We can also apply memo to construct a Fibonacci tree, where repeated subtrees are only created once by the memoized version of fib_tree, but are used multiple times as branches of different larger trees.

>>> fib_tree = memo(fib_tree)
>>> big_fib_tree = fib_tree(35)
>>> big_fib_tree.entry
5702887
>>> big_fib_tree.left is big_fib_tree.right.right
True
>>> sum_entries = memo(sum_entries)
>>> sum_entries(big_fib_tree)
142587180


The amount of computation time and memory saved by memoization in these cases is substantial. Instead of creating 18,454,929 different instances of the Tree class, we now create only 35.

### 2.7.4   Orders of Growth

The previous examples illustrate that processes can differ considerably in the rates at which they consume the computational resources of space and time. For some functions, we can exactly predict the number of steps in the computational process evolved by those functions. For example, consider the function count_factors below that counts the number of integers that evenly divide an input n, by attempting to divide it by every integer less than or equal to its square root. The implementation takes advantage of the fact that if $k$ divides $n$ and $k < \sqrt{n}$ , then there is another factor $j = n / k$ such that $j > \sqrt{n}$.

from math import sqrt def count_factors(n): sqrt_n = sqrt(n) k, factors = 1, 0 while k < sqrt_n: if n % k == 0: factors += 2 k += 1 if k * k == n: factors += 1 return factors result = count_factors(576)

The total number of times this process executes the body of the while statement is the greatest integer less than $\sqrt{n}$. Hence, we can say that the amount of time used by this function, typically denoted $R(n)$, scales with the square root of the input, which we write as $R(n) = \sqrt{n}$.

For most functions, we cannot exactly determine the number of steps or iterations they will require. One convenient way to describe this difference is to use the notion of order of growth to obtain a coarse measure of the resources required by a process as the inputs become larger.

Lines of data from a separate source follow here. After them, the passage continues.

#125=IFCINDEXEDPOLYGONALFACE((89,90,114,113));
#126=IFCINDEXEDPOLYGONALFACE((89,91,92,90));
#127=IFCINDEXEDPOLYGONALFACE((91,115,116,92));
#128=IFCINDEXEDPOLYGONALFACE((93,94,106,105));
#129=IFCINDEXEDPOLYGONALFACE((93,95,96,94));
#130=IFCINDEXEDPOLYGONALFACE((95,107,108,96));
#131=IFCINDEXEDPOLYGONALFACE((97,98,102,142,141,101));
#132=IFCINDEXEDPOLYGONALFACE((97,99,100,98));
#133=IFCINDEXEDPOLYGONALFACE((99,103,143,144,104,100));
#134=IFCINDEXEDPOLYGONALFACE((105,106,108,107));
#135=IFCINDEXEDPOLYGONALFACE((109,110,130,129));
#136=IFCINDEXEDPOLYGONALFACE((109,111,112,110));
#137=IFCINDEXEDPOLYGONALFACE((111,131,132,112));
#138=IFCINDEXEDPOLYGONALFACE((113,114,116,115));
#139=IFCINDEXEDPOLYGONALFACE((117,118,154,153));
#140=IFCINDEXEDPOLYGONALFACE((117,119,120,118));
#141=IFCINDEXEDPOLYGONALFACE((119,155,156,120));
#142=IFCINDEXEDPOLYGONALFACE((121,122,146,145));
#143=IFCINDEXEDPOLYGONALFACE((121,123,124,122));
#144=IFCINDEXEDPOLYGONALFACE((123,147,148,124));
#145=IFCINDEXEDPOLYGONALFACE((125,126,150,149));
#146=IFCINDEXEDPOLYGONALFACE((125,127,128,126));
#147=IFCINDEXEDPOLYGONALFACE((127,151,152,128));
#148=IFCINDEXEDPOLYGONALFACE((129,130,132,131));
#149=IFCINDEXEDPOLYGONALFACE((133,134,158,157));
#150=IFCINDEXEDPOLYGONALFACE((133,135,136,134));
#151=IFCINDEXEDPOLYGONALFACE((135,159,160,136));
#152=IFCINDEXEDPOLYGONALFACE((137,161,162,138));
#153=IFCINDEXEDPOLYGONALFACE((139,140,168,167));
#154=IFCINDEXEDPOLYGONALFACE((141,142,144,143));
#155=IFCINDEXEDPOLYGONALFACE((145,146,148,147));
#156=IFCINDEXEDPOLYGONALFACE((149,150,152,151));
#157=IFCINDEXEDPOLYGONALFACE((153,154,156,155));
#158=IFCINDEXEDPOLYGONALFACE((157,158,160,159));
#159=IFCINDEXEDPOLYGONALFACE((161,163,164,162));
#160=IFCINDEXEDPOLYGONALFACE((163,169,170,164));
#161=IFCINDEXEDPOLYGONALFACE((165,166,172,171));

Let $n$ be a parameter that measures the size of the problem to be solved, and let $R(n)$ be the amount of resources the process requires for a problem of size $n$. In our previous examples we took $n$ to be the number for which a given function is to be computed, but there are other possibilities. For instance, if our goal is to compute an approximation to the square root of a number, we might take $n$ to be the number of digits of accuracy required. In general there are a number of properties of the problem with respect to which it will be desirable to analyze a given process. Similarly, $R(n)$ might measure the amount of memory used, the number of elementary machine operations performed, and so on. In computers that do only a fixed number of operations at a time, the time required to evaluate an expression will be proportional to the number of elementary machine operations performed in the process of evaluation.

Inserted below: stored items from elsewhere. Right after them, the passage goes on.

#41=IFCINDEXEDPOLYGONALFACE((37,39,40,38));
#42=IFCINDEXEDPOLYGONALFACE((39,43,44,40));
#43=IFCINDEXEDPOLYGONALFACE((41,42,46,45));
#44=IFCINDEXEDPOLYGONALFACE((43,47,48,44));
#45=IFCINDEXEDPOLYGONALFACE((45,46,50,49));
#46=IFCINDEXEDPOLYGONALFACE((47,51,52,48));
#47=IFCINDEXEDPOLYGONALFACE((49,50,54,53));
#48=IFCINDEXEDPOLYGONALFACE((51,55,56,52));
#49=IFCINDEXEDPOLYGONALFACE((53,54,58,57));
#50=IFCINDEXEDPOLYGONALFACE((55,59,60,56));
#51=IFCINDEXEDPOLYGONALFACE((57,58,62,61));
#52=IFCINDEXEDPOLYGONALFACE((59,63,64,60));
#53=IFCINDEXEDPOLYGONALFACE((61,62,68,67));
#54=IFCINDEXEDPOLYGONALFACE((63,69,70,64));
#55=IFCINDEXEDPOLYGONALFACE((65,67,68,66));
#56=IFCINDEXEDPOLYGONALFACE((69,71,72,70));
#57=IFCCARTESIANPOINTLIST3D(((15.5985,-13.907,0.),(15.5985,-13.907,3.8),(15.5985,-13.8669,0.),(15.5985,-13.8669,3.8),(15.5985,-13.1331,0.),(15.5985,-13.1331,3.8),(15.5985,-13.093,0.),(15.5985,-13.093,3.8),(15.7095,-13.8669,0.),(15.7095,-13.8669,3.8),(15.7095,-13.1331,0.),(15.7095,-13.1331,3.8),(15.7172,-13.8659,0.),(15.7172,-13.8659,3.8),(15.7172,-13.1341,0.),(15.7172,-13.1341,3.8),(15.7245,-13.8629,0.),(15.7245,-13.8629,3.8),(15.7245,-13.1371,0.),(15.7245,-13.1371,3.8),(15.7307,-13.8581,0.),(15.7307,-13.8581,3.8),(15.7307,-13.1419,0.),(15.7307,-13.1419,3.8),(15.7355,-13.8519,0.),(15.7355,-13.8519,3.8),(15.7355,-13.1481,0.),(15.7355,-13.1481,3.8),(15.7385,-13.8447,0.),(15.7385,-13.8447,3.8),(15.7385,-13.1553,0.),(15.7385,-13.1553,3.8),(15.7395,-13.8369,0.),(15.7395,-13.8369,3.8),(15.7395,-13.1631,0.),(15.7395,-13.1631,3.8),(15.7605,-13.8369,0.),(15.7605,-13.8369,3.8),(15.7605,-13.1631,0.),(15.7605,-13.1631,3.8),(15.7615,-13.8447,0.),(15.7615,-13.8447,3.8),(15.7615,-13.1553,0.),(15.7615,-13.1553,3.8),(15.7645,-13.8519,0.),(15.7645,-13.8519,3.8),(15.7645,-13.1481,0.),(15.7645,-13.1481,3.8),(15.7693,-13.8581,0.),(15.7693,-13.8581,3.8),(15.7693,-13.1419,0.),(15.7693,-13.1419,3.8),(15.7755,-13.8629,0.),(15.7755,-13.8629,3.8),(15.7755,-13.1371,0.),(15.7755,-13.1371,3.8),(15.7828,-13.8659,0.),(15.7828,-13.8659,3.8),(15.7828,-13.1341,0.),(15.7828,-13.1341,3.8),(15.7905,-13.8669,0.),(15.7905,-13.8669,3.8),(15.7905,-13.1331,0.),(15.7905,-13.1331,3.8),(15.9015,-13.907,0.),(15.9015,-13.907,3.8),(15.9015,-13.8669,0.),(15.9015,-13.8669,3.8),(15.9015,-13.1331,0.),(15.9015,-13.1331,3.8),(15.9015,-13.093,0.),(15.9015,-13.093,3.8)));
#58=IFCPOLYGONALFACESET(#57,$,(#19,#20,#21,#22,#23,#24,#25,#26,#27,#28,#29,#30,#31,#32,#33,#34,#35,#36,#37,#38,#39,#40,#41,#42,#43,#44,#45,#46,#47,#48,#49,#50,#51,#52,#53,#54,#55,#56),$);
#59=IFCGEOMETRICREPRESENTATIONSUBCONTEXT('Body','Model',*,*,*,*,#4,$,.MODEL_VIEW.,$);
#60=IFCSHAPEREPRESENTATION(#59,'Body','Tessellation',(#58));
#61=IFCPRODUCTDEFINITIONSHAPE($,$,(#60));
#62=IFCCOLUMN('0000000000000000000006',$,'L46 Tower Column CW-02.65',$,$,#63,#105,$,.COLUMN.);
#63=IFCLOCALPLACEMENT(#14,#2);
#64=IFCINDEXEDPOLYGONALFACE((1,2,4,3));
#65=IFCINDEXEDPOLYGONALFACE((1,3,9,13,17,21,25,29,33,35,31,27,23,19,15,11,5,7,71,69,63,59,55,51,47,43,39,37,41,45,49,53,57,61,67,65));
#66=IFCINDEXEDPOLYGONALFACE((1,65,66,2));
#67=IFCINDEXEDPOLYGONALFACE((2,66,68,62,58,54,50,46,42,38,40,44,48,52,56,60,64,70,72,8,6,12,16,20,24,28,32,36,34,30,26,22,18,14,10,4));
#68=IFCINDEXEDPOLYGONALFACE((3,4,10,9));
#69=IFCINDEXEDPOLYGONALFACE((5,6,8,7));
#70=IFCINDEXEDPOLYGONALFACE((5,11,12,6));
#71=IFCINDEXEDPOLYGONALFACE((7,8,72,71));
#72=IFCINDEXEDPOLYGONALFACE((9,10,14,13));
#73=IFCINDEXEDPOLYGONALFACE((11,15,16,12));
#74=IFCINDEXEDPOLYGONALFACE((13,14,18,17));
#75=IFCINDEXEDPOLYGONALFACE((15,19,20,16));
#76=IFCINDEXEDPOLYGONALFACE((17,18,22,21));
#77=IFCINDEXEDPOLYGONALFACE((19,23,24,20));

We say that $R(n)$ has order of growth $\Theta(f(n))$, written $R(n) = \Theta(f(n))$ (pronounced "theta of $f(n)$"), if there are positive constants $k_1$ and $k_2$ independent of $n$ such that

\begin{equation*} k_1 \cdot f(n) \leq R(n) \leq k_2 \cdot f(n) \end{equation*}

for any sufficiently large value of $n$. In other words, for large $n$, the value $R(n)$ is sandwiched between two values that both scale with $f(n)$:

• A lower bound $k_1 \cdot f(n)$ and
• An upper bound $k_2 \cdot f(n)$

For instance, the number of steps to compute $n!$ grows proportionally to the input $n$. Thus, the steps required for this process grows as $\Theta(n)$. We also saw that the space required for the recursive implementation fact grows as $\Theta(n)$. By contrast, the iterative implementation fact_iter takes a similar number of steps, but the space it requires stays constant. In this case, we say that the space grows as $\Theta(1)$.

The number of steps in our tree-recursive Fibonacci computation fib grows exponentially in its input $n$. In particular, one can show that the nth Fibonacci number is the closest integer to

\begin{equation*} \frac{\phi^{n-2}}{\sqrt{5}} \end{equation*}

where $\phi$ is the golden ratio:

\begin{equation*} \phi = \frac{1 + \sqrt{5}}{2} \approx 1.6180 \end{equation*}

We also stated that the number of steps scales with the resulting value, and so the tree-recursive process requires $\Theta(\phi^n)$ steps, a function that grows exponentially with $n$.

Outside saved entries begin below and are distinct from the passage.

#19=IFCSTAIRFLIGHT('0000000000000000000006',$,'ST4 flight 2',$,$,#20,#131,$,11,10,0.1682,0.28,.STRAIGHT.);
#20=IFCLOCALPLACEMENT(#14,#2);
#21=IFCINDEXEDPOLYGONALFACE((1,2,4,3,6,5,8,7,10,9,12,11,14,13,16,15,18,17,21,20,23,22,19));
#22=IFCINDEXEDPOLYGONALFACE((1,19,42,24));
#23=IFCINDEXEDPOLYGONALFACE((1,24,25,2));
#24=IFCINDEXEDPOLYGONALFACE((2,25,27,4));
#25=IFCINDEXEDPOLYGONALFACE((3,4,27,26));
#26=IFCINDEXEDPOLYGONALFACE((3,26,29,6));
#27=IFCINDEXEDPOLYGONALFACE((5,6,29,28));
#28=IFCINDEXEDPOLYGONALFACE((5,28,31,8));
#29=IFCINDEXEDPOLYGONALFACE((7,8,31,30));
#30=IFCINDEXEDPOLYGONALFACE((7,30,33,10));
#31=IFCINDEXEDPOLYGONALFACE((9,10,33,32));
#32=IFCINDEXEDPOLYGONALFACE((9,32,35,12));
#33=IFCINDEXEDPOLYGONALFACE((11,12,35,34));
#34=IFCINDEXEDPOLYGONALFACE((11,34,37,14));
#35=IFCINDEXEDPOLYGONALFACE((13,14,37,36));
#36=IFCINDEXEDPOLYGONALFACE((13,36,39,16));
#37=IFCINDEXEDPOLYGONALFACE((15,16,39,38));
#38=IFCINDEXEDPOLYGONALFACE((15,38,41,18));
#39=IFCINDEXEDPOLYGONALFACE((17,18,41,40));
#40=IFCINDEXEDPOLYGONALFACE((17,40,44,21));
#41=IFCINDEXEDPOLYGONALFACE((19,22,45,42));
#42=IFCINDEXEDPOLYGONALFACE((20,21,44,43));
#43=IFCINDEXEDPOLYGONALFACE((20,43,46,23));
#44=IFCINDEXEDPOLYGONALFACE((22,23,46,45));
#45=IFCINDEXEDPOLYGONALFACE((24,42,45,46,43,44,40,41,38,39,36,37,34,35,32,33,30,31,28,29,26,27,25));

Orders of growth provide only a crude description of the behavior of a process. For example, a process requiring $n^2$ steps and a process requiring $1000 \cdot n^2$ steps and a process requiring $3 \cdot n^2 + 10 \cdot n + 17$ steps all have $\Theta(n^2)$ order of growth. There are certainly cases in which an order of growth analysis is too coarse a method for deciding between two possible implementations of a function.

However, order of growth provides a useful indication of how we may expect the behavior of the process to change as we change the size of the problem. For a $\Theta(n)$ (linear) process, doubling the size will roughly double the amount of resources used. For an exponential process, each increment in problem size will multiply the resource utilization by a constant factor. The next example examines an algorithm whose order of growth is logarithmic, so that doubling the problem size increases the resource requirement by only a constant amount.

Space. To understand the space requirements of a function, we must specify generally how memory is used, preserved, and reclaimed in our environment model of computation. In evaluating an expression, we must preserve all active environments and all values and frames referenced by those environments. An environment is active if it provides the evaluation context for some expression being evaluated.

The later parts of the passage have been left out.